A corrida desenfreada para construir infraestruturas de Inteligência Artificial está a começar a apresentar a fatura ao consumidor comum. O que começou por afetar algumas marcas específicas está agora a alastrar-se, com previsões de que a escassez de componentes poderá ter um impacto severo na indústria de computadores e smartphones já em 2026.
Segundo um novo relatório da International Data Corporation (IDC), no pior cenário possível, as remessas de computadores pessoais poderão encolher até 8,9% em 2026, uma consequência direta dos custos elevados da memória.
O desvio da produção para os servidores
A raiz do problema reside numa mudança estratégica dos fabricantes de componentes. Em vez de expandirem a produção de memória convencional (DRAM e NAND), usada na grande maioria dos portáteis, desktops e telemóveis, as grandes fabricantes estão a canalizar os seus recursos para memórias específicas para centros de dados de IA.
Estamos a falar de tecnologias como a memória de grande largura de banda (HBM) e DDR5 de alta capacidade, essenciais para treinar e executar os modelos de IA que hoje dominam as manchetes. Esta mudança de foco criou um "efeito de funil", reduzindo a disponibilidade da memória RAM tradicional para os fabricantes de PCs, o que, inevitavelmente, obriga ao aumento dos preços para manter as margens de lucro.
Um exemplo prático desta tendência já se fez sentir. A fabricante de computadores modulares Framework já teve de aumentar os preços de alguns dos seus portáteis e componentes, alertando que novos aumentos de custos são "altamente prováveis" nos próximos meses.
A ironia dos "AI PCs" e o impacto nos preços
A situação carrega uma ironia cruel para a indústria. Os chamados "AI PCs" — computadores equipados com unidades de processamento neural (NPU) capazes de correr modelos de IA localmente — eram vistos como a grande esperança para tirar o mercado da sua estagnação pós-pandemia. No entanto, estes mesmos computadores exigem quantidades superiores de memória RAM para funcionarem eficazmente, tornando-os nas vítimas principais desta escassez que a própria indústria da IA criou.

De acordo com as projeções pessimistas da IDC, os preços dos computadores poderão subir entre 6% a 8% em 2026. Para o consumidor, isto significa pagar mais por máquinas que, em alguns casos, poderão nem sequer trazer grandes saltos de desempenho fora das tarefas de inteligência artificial.
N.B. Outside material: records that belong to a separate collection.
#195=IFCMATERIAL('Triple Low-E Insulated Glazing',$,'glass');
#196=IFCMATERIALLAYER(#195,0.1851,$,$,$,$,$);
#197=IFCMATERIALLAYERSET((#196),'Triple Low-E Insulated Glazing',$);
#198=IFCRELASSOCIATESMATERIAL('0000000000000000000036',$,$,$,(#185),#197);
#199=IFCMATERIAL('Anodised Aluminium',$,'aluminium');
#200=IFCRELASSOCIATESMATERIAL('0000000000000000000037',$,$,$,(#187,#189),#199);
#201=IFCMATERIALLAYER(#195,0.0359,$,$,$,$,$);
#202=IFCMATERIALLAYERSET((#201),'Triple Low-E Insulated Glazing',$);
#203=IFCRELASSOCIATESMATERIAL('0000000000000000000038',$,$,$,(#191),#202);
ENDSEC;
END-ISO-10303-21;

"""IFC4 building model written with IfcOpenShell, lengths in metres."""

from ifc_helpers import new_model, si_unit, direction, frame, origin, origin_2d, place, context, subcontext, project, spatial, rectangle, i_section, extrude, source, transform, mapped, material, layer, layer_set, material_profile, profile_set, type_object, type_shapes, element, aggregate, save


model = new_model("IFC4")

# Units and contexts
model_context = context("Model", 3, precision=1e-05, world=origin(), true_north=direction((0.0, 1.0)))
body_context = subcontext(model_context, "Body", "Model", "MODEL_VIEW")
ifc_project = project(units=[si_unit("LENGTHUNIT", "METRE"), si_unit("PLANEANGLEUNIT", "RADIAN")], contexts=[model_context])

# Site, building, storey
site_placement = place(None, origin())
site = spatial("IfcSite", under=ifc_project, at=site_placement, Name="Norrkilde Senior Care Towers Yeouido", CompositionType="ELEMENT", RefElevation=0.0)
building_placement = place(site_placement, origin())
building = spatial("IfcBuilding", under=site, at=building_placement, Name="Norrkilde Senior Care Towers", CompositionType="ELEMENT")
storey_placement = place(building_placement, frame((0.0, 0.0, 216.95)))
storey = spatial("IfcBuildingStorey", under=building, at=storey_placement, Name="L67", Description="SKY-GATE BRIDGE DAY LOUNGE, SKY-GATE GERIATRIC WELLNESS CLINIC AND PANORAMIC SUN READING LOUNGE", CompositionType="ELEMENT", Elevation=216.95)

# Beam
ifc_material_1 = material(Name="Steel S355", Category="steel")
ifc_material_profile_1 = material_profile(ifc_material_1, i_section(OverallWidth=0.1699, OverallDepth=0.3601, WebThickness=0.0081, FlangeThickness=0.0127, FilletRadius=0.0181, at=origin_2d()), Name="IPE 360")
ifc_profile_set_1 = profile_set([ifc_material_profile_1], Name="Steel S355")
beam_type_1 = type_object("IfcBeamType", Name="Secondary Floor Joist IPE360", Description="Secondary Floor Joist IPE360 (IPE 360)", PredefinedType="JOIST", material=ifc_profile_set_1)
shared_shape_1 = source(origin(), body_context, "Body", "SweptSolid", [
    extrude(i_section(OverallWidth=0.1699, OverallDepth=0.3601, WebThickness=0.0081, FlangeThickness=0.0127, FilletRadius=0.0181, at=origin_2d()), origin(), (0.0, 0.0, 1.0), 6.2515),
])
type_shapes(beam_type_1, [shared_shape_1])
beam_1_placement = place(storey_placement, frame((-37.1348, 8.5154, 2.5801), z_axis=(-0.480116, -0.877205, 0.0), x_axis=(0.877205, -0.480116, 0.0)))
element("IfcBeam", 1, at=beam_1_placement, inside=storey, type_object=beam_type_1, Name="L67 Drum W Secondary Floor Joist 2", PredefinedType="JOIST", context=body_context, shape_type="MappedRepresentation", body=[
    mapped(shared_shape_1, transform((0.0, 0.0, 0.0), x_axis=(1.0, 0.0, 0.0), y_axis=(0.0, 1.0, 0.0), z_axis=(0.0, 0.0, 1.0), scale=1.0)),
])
Smartphones também não escapam
O impacto não se restringe aos computadores. O relatório da IDC aponta também para um cenário sombrio no mercado móvel. Prevê-se que o preço médio de venda de um smartphone possa crescer na mesma ordem dos 6% a 8%, com uma consequente contração nas remessas de dispositivos que pode chegar aos 5,2%.
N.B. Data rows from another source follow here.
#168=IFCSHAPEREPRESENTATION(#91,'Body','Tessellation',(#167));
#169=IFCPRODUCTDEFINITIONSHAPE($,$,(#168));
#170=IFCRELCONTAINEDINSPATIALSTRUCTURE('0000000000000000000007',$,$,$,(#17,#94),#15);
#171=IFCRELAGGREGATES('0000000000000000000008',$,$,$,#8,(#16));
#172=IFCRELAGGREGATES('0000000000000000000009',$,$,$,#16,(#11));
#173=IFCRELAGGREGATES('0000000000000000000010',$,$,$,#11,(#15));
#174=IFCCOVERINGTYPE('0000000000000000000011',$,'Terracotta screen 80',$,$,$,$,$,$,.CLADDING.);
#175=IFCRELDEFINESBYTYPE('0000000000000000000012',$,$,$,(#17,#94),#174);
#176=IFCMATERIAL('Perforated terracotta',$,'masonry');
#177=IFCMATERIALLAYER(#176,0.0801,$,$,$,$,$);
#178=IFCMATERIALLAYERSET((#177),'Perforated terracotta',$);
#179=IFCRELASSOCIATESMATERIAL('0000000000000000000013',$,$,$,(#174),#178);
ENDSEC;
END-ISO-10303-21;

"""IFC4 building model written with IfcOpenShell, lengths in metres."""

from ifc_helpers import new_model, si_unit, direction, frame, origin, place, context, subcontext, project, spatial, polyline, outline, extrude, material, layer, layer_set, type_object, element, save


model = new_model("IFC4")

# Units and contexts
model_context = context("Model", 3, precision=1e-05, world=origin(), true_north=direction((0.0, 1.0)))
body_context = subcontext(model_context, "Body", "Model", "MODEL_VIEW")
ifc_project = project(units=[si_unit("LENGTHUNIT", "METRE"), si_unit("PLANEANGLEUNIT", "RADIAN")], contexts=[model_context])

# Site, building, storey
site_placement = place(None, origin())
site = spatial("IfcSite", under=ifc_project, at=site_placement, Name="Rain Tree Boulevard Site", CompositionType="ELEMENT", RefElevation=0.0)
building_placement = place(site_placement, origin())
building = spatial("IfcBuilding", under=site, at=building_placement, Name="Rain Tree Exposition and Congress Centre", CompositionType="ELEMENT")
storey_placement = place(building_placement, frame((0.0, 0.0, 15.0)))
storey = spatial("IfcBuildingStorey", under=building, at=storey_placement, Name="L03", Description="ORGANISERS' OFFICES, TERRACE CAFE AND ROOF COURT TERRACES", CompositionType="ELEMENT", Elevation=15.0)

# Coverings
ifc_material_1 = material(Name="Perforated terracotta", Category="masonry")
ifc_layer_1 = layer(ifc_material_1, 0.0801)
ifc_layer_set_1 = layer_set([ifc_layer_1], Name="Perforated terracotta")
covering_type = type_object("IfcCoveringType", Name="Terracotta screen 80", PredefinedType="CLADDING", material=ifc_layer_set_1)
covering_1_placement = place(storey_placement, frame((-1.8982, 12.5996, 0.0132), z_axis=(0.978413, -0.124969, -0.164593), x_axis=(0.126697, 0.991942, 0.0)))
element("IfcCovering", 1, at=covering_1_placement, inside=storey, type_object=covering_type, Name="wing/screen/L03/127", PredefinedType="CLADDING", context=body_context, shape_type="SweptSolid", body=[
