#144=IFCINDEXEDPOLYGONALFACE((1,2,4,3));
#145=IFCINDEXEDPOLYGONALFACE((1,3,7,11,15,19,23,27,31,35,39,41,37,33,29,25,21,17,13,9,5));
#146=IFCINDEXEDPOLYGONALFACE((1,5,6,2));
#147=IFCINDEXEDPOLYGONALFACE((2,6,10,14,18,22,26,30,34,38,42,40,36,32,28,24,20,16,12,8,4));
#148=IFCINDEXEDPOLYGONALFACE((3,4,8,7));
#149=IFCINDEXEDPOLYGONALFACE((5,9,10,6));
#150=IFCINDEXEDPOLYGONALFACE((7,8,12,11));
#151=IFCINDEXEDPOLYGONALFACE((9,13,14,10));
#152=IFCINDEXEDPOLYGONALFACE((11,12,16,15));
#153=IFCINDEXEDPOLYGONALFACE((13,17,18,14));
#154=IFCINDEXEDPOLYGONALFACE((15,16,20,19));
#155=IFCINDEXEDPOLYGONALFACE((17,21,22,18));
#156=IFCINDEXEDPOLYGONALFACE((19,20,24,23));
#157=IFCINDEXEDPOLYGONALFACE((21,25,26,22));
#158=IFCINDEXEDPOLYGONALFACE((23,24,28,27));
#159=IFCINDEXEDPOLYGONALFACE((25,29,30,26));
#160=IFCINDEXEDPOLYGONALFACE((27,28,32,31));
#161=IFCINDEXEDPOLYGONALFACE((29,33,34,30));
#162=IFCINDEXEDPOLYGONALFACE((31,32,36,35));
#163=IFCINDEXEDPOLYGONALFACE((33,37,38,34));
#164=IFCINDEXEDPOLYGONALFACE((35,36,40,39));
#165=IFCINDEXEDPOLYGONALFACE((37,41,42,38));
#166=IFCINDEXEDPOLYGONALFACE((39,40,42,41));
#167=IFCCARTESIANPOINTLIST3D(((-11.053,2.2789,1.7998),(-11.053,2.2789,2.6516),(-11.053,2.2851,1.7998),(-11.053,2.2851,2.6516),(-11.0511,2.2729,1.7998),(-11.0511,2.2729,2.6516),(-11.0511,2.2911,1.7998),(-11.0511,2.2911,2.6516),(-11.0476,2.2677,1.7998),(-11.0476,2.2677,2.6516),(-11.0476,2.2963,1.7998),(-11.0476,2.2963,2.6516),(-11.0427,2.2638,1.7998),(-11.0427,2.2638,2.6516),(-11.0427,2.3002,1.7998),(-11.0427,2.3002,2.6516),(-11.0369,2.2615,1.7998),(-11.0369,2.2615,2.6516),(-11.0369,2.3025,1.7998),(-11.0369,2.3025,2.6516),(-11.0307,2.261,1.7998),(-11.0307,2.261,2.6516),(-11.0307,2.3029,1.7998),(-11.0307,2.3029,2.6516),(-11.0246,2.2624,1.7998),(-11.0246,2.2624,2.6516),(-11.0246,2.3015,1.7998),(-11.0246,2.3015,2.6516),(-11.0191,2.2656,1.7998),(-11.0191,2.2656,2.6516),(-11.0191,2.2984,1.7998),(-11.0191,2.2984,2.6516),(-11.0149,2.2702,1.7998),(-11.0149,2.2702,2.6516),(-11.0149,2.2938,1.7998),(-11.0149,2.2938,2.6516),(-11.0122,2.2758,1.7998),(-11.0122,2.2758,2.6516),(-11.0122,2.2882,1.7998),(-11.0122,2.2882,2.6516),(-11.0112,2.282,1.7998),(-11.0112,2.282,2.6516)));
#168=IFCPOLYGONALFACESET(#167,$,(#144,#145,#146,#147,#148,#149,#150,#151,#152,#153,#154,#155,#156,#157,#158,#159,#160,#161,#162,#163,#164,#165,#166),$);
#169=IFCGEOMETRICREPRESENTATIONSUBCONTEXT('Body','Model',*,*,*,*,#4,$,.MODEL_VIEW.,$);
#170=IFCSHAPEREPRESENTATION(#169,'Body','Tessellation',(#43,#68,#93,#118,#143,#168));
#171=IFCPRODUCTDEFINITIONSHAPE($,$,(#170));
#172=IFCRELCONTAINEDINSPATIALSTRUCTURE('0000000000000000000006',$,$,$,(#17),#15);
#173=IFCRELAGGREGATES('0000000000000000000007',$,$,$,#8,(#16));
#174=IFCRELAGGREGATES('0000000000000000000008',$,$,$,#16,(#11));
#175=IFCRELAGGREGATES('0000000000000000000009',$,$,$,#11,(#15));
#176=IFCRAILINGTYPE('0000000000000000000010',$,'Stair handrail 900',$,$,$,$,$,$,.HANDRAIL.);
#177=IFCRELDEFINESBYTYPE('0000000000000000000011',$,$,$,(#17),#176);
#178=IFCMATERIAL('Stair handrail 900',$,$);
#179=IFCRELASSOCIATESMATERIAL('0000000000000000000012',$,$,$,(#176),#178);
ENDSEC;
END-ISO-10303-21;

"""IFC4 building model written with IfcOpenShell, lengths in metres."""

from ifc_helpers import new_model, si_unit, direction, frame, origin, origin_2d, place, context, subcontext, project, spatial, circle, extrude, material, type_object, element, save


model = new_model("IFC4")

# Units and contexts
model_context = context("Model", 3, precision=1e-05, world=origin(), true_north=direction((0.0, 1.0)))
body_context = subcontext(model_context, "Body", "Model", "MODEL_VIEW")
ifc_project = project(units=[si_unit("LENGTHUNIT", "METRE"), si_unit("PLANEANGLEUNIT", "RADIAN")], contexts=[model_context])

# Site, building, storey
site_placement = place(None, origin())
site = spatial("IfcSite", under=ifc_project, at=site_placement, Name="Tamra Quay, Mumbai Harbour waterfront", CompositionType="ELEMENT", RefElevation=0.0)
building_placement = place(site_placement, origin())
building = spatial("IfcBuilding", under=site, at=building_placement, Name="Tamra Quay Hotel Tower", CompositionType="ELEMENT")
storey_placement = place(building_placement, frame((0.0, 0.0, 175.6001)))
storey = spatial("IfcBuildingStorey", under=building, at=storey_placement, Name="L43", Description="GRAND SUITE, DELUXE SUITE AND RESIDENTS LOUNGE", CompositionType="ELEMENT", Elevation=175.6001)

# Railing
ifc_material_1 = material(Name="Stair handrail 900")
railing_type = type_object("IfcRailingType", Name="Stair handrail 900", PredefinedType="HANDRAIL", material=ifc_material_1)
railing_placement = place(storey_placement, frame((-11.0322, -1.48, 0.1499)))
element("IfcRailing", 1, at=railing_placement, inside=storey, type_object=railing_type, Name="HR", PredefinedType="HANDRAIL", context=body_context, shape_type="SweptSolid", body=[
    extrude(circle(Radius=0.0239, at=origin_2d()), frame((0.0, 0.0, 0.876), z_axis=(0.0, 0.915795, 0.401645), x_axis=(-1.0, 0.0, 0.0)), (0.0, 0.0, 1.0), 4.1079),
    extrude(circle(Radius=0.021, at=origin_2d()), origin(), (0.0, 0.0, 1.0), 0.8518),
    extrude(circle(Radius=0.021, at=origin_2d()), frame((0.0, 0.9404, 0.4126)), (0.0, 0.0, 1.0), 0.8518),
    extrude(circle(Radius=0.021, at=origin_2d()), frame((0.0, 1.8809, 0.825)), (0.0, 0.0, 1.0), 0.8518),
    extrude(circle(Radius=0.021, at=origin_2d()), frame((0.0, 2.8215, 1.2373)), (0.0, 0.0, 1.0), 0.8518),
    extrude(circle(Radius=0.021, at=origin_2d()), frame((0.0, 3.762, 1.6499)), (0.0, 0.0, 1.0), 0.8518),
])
No entanto, nem todas as empresas estão no mesmo barco. Gigantes como a Apple e a Samsung, que possuem enormes reservas de dinheiro e acordos de fornecimento de longo prazo (ou, no caso da Samsung, fabricam a sua própria memória), deverão conseguir resistir a esta tempestade e manter a consistência durante um ou dois anos. Para o resto do mercado, o futuro próximo avizinha-se consideravelmente mais caro e com menos margem para aventuras ou riscos.